The field of connectomics aims to reconstruct the wiring diagram of the brain by mapping the neural connections at the level of individual synapses. Recent advances in electronic microscopy (EM) have enabled the collection of a large number of image stacks at nanometer resolution, but the annotation requires expertise and is super time-consuming. Here we provide a deep learning framework powered by PyTorch for automatic and semi-automatic data annotation in connectomics. This repository is actively under development by Visual Computing Group (VCG) at Harvard University.
- Multitask Learning
- Active Learning
- CPU and GPU Parallelism
If you want new features that are relatively easy to implement (e.g., loss functions, models), please open a feature requirement discussion in issues or implement by yourself and submit a pull request. For other features that requires substantial amount of design and coding, please contact the author directly.
The code is developed and tested under the following configurations.
- Hardware: 1-8 Nvidia GPUs (with at least 12G GPU memories) (change
- Software: CentOS Linux 7.4 (Core), CUDA>=9.0, Python>=3.6, PyTorch>=1.3.0
Create a new conda environment:
conda create -n py3_torch python=3.7 source activate py3_torch conda install pytorch torchvision cudatoolkit=9.2 -c pytorch
Please note that this package is developed on the Harvard FASRC cluster, where the current version of the Nvidia driver installed is 396.26 that supports Cuda version 9. More information about GPU computing on the FASRC cluster can be found here.

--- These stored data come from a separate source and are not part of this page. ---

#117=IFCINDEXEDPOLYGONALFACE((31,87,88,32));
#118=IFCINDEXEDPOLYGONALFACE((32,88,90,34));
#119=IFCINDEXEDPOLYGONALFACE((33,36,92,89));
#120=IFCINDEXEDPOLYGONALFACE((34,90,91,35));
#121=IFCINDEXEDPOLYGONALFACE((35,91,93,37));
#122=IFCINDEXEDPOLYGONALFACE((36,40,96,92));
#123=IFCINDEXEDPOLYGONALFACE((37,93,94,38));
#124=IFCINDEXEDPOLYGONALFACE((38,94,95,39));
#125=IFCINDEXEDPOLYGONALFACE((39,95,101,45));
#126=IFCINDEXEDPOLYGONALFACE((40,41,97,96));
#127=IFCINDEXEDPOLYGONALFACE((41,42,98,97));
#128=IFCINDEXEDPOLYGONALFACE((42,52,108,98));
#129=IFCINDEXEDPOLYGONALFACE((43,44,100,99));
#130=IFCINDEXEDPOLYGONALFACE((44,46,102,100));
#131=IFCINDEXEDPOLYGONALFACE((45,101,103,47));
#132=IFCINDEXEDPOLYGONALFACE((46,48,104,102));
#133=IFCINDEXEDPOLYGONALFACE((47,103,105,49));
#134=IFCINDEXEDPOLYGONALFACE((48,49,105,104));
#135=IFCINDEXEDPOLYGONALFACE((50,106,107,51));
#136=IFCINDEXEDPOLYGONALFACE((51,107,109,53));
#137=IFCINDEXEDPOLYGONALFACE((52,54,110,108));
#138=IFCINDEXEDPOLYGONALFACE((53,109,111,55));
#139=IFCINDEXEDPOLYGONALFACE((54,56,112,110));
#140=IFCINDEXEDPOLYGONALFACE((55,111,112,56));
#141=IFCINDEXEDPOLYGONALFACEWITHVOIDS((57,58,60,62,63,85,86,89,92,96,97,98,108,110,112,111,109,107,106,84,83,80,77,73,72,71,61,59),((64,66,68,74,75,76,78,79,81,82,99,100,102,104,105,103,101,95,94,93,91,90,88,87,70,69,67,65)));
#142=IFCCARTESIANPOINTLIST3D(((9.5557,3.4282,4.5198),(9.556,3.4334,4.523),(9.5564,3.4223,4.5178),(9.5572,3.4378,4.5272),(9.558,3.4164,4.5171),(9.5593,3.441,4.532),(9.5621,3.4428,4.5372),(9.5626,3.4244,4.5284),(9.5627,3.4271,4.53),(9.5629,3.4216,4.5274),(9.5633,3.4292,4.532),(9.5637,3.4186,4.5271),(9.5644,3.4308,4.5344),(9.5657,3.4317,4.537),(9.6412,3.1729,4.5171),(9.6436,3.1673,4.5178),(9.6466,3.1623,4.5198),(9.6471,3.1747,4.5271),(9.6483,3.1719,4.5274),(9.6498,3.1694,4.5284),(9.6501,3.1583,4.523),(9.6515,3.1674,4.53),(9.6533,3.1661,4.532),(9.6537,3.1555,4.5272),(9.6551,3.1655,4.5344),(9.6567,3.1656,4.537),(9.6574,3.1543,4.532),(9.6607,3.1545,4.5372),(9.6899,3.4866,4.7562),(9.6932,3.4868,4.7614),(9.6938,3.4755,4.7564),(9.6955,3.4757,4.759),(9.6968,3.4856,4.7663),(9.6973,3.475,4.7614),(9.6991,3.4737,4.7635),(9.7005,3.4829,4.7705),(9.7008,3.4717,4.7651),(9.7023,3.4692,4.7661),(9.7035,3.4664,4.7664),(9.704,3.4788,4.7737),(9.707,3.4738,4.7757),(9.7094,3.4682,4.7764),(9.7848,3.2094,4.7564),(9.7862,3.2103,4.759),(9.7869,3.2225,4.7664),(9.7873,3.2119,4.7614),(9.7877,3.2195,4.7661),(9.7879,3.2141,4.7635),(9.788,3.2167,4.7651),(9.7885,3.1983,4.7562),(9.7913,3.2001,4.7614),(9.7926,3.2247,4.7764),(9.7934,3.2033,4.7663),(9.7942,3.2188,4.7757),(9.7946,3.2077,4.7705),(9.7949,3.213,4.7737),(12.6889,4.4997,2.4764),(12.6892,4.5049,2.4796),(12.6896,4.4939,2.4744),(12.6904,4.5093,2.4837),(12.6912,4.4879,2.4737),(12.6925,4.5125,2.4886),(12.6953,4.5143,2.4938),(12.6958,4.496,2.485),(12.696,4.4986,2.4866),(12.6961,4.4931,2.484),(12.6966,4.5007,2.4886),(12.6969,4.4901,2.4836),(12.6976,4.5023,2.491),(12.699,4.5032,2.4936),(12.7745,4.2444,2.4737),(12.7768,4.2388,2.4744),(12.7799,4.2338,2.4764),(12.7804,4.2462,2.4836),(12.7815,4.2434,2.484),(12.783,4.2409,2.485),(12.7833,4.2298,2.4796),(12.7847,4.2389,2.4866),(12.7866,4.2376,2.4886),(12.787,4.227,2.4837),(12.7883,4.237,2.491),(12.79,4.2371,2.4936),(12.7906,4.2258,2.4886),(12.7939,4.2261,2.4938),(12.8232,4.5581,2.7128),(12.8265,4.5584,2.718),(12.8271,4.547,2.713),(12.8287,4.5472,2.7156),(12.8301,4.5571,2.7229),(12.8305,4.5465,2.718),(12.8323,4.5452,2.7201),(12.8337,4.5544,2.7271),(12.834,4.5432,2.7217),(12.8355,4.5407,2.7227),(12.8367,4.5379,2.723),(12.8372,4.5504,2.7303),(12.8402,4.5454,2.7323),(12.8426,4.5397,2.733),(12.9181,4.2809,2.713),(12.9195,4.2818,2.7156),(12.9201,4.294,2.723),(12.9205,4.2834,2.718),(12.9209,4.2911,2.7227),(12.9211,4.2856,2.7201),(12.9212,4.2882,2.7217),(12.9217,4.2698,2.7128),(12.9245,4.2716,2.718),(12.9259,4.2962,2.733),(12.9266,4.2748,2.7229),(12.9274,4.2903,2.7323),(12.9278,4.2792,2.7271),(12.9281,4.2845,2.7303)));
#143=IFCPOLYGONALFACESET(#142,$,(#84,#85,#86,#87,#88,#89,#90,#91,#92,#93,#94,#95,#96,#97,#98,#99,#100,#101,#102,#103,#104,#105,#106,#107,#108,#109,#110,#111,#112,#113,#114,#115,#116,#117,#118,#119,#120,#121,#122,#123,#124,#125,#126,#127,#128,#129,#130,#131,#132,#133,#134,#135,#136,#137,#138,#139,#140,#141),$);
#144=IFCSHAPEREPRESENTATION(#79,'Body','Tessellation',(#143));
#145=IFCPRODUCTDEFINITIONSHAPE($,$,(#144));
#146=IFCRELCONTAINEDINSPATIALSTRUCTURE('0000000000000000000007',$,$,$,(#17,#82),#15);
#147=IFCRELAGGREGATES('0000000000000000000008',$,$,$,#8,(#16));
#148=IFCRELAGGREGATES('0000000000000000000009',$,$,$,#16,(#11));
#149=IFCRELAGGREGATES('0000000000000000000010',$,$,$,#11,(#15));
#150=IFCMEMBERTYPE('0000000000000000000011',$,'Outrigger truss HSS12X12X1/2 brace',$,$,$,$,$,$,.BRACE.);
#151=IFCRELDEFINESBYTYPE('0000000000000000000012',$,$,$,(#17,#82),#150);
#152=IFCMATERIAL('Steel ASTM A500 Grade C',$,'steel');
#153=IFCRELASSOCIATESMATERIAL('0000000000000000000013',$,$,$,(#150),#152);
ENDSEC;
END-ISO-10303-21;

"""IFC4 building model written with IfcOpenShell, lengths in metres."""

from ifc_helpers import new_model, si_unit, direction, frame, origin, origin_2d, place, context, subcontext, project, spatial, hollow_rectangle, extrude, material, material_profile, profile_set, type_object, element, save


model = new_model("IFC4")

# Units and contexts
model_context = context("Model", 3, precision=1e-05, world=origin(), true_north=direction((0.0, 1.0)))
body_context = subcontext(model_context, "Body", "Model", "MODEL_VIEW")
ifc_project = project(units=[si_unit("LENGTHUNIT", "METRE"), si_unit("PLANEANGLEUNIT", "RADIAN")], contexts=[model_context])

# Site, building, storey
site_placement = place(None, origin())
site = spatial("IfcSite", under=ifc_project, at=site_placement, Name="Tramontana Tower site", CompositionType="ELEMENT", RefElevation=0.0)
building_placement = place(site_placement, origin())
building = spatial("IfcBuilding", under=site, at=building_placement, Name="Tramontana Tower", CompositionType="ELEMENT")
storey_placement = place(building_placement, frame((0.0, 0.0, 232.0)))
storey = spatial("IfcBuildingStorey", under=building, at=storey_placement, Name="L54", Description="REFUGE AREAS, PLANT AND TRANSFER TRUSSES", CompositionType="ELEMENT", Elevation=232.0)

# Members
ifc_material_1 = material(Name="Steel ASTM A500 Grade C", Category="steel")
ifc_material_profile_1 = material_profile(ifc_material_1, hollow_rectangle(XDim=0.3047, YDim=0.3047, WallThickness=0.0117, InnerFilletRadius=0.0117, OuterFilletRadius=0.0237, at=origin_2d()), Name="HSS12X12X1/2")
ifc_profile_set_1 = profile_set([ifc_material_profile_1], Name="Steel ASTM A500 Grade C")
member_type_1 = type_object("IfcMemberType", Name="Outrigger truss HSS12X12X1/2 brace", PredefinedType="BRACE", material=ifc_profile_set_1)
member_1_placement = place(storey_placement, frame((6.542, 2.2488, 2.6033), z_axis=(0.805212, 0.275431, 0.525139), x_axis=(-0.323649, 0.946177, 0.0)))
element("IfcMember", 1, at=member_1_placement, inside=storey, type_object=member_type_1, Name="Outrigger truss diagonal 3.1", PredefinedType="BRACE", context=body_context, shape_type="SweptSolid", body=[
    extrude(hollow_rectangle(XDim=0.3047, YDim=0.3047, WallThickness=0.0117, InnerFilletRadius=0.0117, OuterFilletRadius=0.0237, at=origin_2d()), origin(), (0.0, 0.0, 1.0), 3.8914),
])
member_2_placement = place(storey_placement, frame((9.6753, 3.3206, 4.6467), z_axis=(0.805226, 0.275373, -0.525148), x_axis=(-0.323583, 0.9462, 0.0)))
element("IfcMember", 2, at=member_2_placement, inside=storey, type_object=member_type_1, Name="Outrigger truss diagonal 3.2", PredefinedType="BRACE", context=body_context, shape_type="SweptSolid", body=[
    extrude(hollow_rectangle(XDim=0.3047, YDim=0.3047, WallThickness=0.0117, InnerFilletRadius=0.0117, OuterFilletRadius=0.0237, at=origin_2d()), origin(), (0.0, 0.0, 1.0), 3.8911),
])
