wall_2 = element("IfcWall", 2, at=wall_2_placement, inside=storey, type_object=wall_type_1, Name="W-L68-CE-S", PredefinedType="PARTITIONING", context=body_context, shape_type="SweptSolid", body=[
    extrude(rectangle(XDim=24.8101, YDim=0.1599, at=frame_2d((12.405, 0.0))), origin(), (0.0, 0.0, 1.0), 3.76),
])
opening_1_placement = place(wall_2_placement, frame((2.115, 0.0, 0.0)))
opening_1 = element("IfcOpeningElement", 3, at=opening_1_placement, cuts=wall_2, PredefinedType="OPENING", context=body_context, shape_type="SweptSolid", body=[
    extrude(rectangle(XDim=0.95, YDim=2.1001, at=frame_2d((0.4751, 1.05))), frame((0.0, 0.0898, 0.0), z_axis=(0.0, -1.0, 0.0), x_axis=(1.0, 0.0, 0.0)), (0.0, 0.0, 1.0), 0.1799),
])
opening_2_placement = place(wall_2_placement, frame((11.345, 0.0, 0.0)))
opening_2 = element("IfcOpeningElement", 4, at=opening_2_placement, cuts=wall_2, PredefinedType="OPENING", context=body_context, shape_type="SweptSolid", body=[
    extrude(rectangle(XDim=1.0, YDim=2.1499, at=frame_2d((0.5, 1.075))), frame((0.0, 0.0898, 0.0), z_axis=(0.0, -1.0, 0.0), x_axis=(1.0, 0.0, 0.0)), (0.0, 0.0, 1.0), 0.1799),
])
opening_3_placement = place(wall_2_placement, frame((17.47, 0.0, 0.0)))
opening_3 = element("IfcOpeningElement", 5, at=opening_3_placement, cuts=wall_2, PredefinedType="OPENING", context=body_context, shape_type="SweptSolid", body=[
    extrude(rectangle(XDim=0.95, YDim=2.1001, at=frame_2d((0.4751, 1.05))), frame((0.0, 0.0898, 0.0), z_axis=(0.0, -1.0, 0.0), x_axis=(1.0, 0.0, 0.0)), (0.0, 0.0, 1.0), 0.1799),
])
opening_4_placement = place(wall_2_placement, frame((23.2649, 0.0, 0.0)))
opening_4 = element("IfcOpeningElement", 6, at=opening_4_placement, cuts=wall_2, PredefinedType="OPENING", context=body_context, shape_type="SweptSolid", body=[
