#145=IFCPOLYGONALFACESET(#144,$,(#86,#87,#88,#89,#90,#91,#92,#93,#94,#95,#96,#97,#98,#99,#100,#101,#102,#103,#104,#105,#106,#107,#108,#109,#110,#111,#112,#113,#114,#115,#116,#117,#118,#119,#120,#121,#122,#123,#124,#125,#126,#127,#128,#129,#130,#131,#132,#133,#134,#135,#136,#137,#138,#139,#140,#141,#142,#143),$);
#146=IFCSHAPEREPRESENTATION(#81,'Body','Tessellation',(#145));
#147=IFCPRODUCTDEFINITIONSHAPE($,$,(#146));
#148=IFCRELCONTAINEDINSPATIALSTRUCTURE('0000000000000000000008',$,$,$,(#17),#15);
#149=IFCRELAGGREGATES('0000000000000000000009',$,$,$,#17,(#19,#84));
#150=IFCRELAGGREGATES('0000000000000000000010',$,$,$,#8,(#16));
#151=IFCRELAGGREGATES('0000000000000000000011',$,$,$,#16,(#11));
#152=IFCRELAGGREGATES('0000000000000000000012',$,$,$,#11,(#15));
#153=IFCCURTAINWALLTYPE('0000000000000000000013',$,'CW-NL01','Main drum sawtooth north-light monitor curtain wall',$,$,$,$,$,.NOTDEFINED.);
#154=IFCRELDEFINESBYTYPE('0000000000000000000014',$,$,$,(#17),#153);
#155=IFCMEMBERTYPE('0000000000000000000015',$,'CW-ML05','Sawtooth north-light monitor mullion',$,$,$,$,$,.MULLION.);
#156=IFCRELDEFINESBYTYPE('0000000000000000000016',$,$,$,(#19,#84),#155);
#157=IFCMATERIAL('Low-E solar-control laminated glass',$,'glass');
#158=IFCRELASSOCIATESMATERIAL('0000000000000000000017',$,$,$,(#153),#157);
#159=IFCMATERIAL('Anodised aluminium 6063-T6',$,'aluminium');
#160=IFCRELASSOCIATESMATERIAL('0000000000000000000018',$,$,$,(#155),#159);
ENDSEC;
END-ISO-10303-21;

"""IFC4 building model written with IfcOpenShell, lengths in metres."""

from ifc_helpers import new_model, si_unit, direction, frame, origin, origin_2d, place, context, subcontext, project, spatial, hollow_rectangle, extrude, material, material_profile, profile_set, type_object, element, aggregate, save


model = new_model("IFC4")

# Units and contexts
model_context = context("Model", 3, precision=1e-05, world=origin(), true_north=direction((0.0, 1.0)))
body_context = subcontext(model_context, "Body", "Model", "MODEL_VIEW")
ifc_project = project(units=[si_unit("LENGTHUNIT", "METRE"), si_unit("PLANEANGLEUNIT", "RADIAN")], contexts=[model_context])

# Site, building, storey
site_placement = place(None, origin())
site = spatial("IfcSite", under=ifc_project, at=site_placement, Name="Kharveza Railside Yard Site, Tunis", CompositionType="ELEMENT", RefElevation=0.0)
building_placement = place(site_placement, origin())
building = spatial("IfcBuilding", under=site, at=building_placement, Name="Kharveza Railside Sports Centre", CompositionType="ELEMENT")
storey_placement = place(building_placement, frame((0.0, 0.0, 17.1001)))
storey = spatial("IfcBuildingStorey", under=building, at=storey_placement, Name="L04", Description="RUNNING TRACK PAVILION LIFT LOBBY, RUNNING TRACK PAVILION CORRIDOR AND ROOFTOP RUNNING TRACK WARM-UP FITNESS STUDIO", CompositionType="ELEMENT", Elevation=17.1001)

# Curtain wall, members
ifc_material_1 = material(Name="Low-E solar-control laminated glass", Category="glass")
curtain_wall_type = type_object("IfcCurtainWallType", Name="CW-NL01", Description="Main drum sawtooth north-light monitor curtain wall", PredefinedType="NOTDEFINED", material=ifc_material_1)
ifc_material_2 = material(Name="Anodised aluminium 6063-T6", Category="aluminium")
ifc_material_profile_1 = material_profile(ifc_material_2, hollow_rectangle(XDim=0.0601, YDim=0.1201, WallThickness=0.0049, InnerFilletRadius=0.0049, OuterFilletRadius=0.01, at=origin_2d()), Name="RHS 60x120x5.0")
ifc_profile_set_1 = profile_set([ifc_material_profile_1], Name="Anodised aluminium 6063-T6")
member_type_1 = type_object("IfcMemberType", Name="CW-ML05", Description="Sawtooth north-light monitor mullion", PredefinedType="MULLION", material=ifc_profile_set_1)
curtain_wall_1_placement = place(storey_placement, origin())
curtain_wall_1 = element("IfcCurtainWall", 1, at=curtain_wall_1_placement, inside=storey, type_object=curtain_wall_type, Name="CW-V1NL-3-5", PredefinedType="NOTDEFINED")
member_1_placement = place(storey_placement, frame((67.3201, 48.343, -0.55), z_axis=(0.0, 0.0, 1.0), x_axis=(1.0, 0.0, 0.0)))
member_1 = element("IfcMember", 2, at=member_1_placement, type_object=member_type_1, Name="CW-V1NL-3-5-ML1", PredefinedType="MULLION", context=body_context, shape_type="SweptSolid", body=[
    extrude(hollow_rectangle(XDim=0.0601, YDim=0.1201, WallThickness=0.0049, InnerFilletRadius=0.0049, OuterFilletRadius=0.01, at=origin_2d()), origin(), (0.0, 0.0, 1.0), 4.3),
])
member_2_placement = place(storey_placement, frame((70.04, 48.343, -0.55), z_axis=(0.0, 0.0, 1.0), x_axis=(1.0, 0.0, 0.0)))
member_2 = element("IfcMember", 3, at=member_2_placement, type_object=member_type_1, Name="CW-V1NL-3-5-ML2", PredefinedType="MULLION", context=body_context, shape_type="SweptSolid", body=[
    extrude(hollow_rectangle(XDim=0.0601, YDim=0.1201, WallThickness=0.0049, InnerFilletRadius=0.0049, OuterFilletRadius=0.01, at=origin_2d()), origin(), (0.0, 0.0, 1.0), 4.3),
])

Download and install the package:
git clone firstname.lastname@example.org:zudi-lin/pytorch_connectomics.git cd pytorch_connectomics pip install -r requirements.txt pip install --editable .
- Visualize the training loss and validation images using tensorboardX.
- Use TensorBoard with
tensorboard --logdir runs(needs to install TensorFlow).
- Visualize the affinity graph and segmentation using Neuroglancer.
We provide a data augmentation interface several different kinds of commonly used augmentation method for EM images. The interface is pure-python, and operate on and output only numpy arrays, so it can be easily incorporated into any kinds of python-based deep learning frameworks (e.g., TensorFlow). For more details about the design of the data augmentation module, please check the documentation.
We provide several encoder-decoder architectures, which can be found here. Those models can be applied to any kinds of semantic segmentation tasks of 3D image stacks. We also provide benchmark results on SNEMI3D neuron segmentation challenges here with detailed training specifications for users to reproduce.
Syncronized Batch Normalization on PyTorch
Previous works have suggested that a reasonable large batch size can improve the performance of detection and segmentation models. Here we use a syncronized batch normalization module that computes the mean and standard-deviation across all devices during training. Please refer to Synchronized-BatchNorm-PyTorch for details. The implementation is pure-python, and uses unbiased variance to update the moving average, and use
sqrt(max(var, eps)) instead of
sqrt(var + eps).
This project is built upon numerous previous projects. Especially, we'd like to thank the contributors of the following github repositories:
- pyGreenTea: Janelia FlyEM team
- DataProvider: Princeton SeungLab
- EM-affinity: Harvard Visual Computing Group
This project is licensed under the MIT License - see the LICENSE file for details.